In 2008, the King High School marching band raised over $400,000 (including a sponsorship from then U.S. Senator Hillary Clinton) to perform at the Summer Olympic Games in Beijing.

==Notable alumni==
- Markita Aldridge (1991); former WNBA basketball player
- Joe Altobelli (1950) All-City multi-sport athlete for the Eastern Indians; former Major League Baseball player and manager; managed the 1983 World Series champion Baltimore Orioles
- John "Frenchy" Fuqua (1965) professional football running back who played eight seasons in the NFL. Fuqua become part of NFL lore as the intended receiver for quarterback Terry Bradshaw's pass that sports historians refer to as the Immaculate Reception.
- Joe Girard (1947), salesman; author
- Reggie Harding (1961) first-team Parade Magazine All-American in 1961; led the Eastern Indians to three consecutive Detroit Public School League basketball championships; three-time All-State selection, drafted into the National Basketball Association out of high school by the Detroit Pistons; former basketball player for the Pistons & Chicago Bulls
- Erma Henderson, first African American woman elected to the Detroit City Council
- Ron LeFlore (born 1948 - did not graduate), former Major League Baseball player for Detroit Tigers, two-time stolen-base champion in 1978 and 1980
- Avonte Maddox (2014) cornerback for NFL's Detroit Lions
- Dante Moore (2023), college football quarterback
- Jamar Pinkney Jr. (born 2004 - did not graduate), murder victim
- Lou Scott (1963) Olympian in the 1968 Summer Olympics & silver-medalist in the 1967 Pan American Games, one of America's top distance runners in 1960s. 1962 & 1963 Michigan State Champion in the mile, 1962 Michigan State Cross Country Champion for Eastern.

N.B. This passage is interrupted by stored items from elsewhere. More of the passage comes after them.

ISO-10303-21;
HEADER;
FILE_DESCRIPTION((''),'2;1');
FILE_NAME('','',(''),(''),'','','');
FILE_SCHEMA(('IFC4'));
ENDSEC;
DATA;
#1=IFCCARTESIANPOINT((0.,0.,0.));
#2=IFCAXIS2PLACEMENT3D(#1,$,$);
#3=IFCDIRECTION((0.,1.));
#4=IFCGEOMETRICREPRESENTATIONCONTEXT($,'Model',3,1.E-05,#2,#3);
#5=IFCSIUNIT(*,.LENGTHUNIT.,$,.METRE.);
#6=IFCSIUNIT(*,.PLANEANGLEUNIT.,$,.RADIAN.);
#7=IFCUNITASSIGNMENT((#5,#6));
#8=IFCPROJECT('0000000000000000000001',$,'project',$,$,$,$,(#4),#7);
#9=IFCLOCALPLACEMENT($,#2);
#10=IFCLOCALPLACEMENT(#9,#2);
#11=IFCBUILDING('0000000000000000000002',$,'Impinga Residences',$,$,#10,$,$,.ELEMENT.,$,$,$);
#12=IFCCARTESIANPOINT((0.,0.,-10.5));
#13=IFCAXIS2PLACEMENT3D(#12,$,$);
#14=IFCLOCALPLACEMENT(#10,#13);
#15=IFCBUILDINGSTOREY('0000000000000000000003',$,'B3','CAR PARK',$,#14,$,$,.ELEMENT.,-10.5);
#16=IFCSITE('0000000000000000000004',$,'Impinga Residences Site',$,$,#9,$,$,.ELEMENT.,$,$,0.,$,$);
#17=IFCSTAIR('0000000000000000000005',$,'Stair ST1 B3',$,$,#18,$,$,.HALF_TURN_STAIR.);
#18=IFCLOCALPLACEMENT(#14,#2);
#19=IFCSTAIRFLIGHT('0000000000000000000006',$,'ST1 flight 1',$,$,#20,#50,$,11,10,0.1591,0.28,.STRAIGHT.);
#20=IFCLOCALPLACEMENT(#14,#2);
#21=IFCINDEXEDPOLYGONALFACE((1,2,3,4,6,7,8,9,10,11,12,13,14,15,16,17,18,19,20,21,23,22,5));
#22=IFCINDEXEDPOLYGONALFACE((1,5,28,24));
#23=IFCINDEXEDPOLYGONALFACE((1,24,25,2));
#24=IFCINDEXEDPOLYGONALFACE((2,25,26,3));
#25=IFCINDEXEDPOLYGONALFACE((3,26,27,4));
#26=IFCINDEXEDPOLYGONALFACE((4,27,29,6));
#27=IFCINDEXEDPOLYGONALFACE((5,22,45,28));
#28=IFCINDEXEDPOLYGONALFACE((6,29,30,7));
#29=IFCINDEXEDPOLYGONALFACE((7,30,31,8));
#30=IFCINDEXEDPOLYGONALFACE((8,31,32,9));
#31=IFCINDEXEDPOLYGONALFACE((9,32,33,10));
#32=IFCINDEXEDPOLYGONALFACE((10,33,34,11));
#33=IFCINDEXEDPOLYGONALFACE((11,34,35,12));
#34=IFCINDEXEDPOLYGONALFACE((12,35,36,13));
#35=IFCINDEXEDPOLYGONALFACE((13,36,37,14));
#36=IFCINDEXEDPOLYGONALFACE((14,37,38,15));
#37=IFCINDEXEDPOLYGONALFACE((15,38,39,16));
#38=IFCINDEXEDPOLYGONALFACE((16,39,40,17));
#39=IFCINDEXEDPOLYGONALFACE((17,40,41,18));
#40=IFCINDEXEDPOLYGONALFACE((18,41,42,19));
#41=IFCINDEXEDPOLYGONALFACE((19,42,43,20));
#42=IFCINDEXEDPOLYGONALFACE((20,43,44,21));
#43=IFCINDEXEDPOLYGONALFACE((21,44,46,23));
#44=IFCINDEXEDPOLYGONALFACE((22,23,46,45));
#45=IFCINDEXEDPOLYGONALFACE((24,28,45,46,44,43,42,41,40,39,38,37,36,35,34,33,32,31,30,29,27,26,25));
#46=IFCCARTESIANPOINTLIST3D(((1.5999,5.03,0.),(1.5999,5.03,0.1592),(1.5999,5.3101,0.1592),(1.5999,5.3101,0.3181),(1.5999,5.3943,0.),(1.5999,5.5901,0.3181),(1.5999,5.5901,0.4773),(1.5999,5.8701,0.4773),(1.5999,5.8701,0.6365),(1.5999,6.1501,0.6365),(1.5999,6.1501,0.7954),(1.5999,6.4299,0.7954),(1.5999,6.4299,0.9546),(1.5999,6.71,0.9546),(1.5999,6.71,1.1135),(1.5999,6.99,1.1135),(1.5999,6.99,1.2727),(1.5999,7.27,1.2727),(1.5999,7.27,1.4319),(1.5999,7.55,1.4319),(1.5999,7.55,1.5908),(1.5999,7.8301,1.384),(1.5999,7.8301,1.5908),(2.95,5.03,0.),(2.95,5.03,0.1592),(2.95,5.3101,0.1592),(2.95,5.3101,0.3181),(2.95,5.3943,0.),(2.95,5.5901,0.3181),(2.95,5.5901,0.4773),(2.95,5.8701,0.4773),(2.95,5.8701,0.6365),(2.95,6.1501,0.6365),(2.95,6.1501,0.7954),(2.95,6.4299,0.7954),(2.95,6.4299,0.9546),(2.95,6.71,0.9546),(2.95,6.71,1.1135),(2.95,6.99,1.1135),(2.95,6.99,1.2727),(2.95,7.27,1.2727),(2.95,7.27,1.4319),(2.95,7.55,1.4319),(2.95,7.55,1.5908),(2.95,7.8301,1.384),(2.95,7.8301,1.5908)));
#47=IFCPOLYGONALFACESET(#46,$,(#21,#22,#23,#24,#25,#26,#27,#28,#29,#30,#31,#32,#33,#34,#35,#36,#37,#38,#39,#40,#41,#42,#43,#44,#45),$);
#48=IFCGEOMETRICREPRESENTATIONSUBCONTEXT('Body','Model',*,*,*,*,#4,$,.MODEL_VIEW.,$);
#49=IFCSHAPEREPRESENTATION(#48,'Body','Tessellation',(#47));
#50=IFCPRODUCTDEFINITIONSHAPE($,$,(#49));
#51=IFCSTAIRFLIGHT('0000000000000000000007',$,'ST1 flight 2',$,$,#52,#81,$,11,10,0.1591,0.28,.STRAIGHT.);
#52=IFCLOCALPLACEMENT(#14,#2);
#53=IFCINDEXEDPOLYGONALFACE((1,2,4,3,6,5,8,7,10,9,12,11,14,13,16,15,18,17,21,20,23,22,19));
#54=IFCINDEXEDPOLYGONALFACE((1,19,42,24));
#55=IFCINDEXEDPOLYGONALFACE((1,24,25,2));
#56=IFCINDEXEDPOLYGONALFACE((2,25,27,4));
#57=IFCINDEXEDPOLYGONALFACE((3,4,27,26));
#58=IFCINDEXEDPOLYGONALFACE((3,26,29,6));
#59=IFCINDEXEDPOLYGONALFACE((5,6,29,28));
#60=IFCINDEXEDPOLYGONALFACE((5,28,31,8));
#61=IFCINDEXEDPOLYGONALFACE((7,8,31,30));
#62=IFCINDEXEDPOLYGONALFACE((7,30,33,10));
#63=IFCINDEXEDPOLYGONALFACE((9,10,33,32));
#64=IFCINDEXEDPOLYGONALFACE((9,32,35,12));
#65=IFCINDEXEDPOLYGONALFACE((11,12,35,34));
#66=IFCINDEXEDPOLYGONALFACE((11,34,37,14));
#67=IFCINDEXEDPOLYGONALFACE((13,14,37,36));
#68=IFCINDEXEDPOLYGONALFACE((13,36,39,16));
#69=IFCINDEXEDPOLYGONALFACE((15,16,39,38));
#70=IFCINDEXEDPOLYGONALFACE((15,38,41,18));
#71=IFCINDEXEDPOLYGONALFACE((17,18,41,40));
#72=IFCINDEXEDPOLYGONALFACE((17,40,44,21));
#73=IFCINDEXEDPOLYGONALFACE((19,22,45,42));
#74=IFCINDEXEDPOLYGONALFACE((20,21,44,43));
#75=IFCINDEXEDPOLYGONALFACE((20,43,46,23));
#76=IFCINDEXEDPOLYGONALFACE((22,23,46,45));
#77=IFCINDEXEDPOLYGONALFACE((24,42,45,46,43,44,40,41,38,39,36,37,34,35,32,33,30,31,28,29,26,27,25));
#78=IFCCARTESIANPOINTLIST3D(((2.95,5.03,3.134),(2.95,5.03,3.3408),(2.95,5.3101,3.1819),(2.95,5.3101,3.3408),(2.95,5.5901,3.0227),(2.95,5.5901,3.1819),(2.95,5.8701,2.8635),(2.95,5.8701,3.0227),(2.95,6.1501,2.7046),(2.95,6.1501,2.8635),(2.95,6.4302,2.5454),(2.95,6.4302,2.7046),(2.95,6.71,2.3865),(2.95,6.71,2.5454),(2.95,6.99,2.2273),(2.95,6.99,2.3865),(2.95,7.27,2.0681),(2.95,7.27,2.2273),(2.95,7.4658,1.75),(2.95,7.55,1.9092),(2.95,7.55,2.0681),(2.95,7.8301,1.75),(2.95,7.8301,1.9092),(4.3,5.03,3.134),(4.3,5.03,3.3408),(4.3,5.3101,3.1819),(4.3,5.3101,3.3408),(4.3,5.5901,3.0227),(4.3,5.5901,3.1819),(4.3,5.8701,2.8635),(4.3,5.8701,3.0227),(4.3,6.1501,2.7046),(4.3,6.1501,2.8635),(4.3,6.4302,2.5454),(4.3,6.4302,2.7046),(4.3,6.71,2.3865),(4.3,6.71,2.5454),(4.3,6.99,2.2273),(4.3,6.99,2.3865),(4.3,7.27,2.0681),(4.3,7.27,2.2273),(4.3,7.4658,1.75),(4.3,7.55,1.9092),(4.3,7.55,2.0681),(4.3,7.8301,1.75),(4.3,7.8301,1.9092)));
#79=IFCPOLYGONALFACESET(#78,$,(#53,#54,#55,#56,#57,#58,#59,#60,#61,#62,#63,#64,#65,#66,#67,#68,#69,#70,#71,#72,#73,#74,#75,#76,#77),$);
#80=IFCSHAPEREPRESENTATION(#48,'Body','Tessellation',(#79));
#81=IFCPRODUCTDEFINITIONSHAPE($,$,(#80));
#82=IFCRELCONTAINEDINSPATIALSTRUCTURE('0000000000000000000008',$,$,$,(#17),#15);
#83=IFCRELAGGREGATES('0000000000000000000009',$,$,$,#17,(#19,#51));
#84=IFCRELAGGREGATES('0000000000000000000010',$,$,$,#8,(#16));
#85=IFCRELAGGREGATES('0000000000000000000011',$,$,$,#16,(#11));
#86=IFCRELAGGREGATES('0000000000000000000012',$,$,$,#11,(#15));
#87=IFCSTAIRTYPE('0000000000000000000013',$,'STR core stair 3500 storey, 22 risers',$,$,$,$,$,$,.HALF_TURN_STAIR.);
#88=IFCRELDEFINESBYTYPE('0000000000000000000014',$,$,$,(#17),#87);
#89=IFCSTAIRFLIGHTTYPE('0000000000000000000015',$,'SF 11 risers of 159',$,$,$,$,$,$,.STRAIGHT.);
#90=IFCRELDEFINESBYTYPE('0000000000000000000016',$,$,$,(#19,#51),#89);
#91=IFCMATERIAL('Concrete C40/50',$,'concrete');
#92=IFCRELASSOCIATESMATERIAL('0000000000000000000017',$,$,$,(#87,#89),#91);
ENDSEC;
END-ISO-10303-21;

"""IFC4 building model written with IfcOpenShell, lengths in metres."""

from ifc_helpers import new_model, si_unit, direction, frame, origin, place, context, subcontext, project, spatial, polyline, outline, extrude, material, type_object, element, aggregate, save


model = new_model("IFC4")

# Units and contexts
model_context = context("Model", 3, precision=1e-05, world=origin(), true_north=direction((0.0, 1.0)))
body_context = subcontext(model_context, "Body", "Model", "MODEL_VIEW")
ifc_project = project(units=[si_unit("LENGTHUNIT", "METRE"), si_unit("PLANEANGLEUNIT", "RADIAN")], contexts=[model_context])

# Site, building, storey
site_placement = place(None, origin())
site = spatial("IfcSite", under=ifc_project, at=site_placement, Name="Impinga Residences Site", CompositionType="ELEMENT", RefElevation=0.0)
building_placement = place(site_placement, origin())
building = spatial("IfcBuilding", under=site, at=building_placement, Name="Impinga Residences", CompositionType="ELEMENT")
storey_placement = place(building_placement, frame((0.0, 0.0, -10.5)))
storey = spatial("IfcBuildingStorey", under=building, at=storey_placement, Name="B3", Description="CAR PARK", CompositionType="ELEMENT", Elevation=-10.5)

# Stair, stair flights
ifc_material_1 = material(Name="Concrete C40/50", Category="concrete")
stair_type = type_object("IfcStairType", Name="STR core stair 3500 storey, 22 risers", PredefinedType="HALF_TURN_STAIR", material=ifc_material_1)
stair_placement = place(storey_placement, origin())
stair = element("IfcStair", 1, at=stair_placement, inside=storey, type_object=stair_type, Name="Stair ST1 B3", PredefinedType="HALF_TURN_STAIR")
stair_flight_type = type_object("IfcStairFlightType", Name="SF 11 risers of 159", PredefinedType="STRAIGHT", material=ifc_material_1)
stair_flight_1_placement = place(storey_placement, frame((2.2749, 5.03, 0.0), z_axis=(0.0, 0.0, 1.0), x_axis=(0.0, 1.0, 0.0)))
stair_flight_1 = element("IfcStairFlight", 2, at=stair_flight_1_placement, type_object=stair_flight_type, Name="ST1 flight 1", NumberOfRisers=11, NumberOfTreads=10, PredefinedType="STRAIGHT", RiserHeight=0.1591, TreadLength=0.28, context=body_context, shape_type="SweptSolid", body=[
    extrude(outline(polyline([(0.0, 0.0), (0.0, 0.1592), (0.28, 0.1592), (0.28, 0.3181), (0.5601, 0.3181), (0.5601, 0.4773), (0.8401, 0.4773), (0.8401, 0.6365), (1.1201, 0.6365), (1.1201, 0.7954), (1.3999, 0.7954), (1.3999, 0.9546), (1.6799, 0.9546), (1.6799, 1.1135), (1.96, 1.1135), (1.96, 1.2727), (2.24, 1.2727), (2.24, 1.4319), (2.52, 1.4319), (2.52, 1.5908), (2.8, 1.5908), (2.8, 1.75), (2.8, 1.384), (0.3643, 0.0), (0.0, 0.0)])), frame((0.0, 0.675, 0.0), z_axis=(0.0, -1.0, 0.0), x_axis=(1.0, 0.0, 0.0)), (0.0, 0.0, 1.0), 1.3501),
])
stair_flight_2_placement = place(storey_placement, frame((3.625, 7.8301, 1.75), z_axis=(0.0, 0.0, 1.0), x_axis=(0.0, -1.0, 0.0)))
stair_flight_2 = element("IfcStairFlight", 3, at=stair_flight_2_placement, type_object=stair_flight_type, Name="ST1 flight 2", NumberOfRisers=11, NumberOfTreads=10, PredefinedType="STRAIGHT", RiserHeight=0.1591, TreadLength=0.28, context=body_context, shape_type="SweptSolid", body=[
    extrude(outline(polyline([(0.0, 0.0), (0.0, 0.1592), (0.28, 0.1592), (0.28, 0.3181), (0.5601, 0.3181), (0.5601, 0.4773), (0.8401, 0.4773), (0.8401, 0.6365), (1.1201, 0.6365), (1.1201, 0.7954), (1.3999, 0.7954), (1.3999, 0.9546), (1.6799, 0.9546), (1.6799, 1.1135), (1.96, 1.1135), (1.96, 1.2727), (2.24, 1.2727), (2.24, 1.4319), (2.52, 1.4319), (2.52, 1.5908), (2.8, 1.5908), (2.8, 1.75), (2.8, 1.384), (0.3643, 0.0), (0.0, 0.0)])), frame((0.0, 0.675, 0.0), z_axis=(0.0, -1.0, 0.0), x_axis=(1.0, 0.0, 0.0)), (0.0, 0.0, 1.0), 1.3501),
])
aggregate(stair, [stair_flight_1, stair_flight_2])

save(model, "model.ifc")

- Emanuel Steward (1962) boxing trainer who trained world champions Thomas Hearns, Hilmer Kenty, Lennox Lewis and others; 1996 International Boxing Hall of Fame inductee.
- Helen Thomas (1937) journalist; author
- Bill Yearby (1962) 1962 Michigan state champion in the shot put for Eastern; and All-American defensive lineman for the Michigan Wolverines; New York Jets first-round pick in the 1966 AFL draft.
- George Gervin (1970) former professional basketball player and member of Basketball Hall of Fame; in 1997, was voted one of NBA's 50 Greatest Players
- Mike Taylor (1976) former NFL linebacker
- Rod Hill (1977) former professional football player in the NFL and CFL
- Ken Woodard (1978) former NFL linebacker
- Derrick Gervin (1981) former NBA basketball player, 1995 Israeli Basketball Premier League MVP
- Roy Banks (1983) former professional football running back who played two seasons in the NFL.
- Kerwin Moore (1989) former MLB player
- Gerald McBurrows (1992) former NFL safety
- Karon Riley (1996) former NFL linebacker
- Anthony Adams (1998) former NFL defensive tackle and actor
- Ron Johnson (1998) former NFL wide receiver for two seasons with the Baltimore Ravens
- Kelly Williams (2000) basketball player who plays professionally in the Philippines
- Kevin Vickerson (2001) former NFL defensive tackle
- Chris Greenwood (2007) former NFL cornerback
- Nick Perry (2008) former linebacker for NFL's Green Bay Packers
- Dequan Finn (2019) college football quarterback for the Baylor Bears
- Sauce Gardner (2019) American football player
- Jaylen Reed (2021), college football safety
- Coleman Young (1934) the first African-American & longest-serving Mayor of Detroit who also served as a Michigan State Senator; described as the "single most influential person in Detroit's modern history."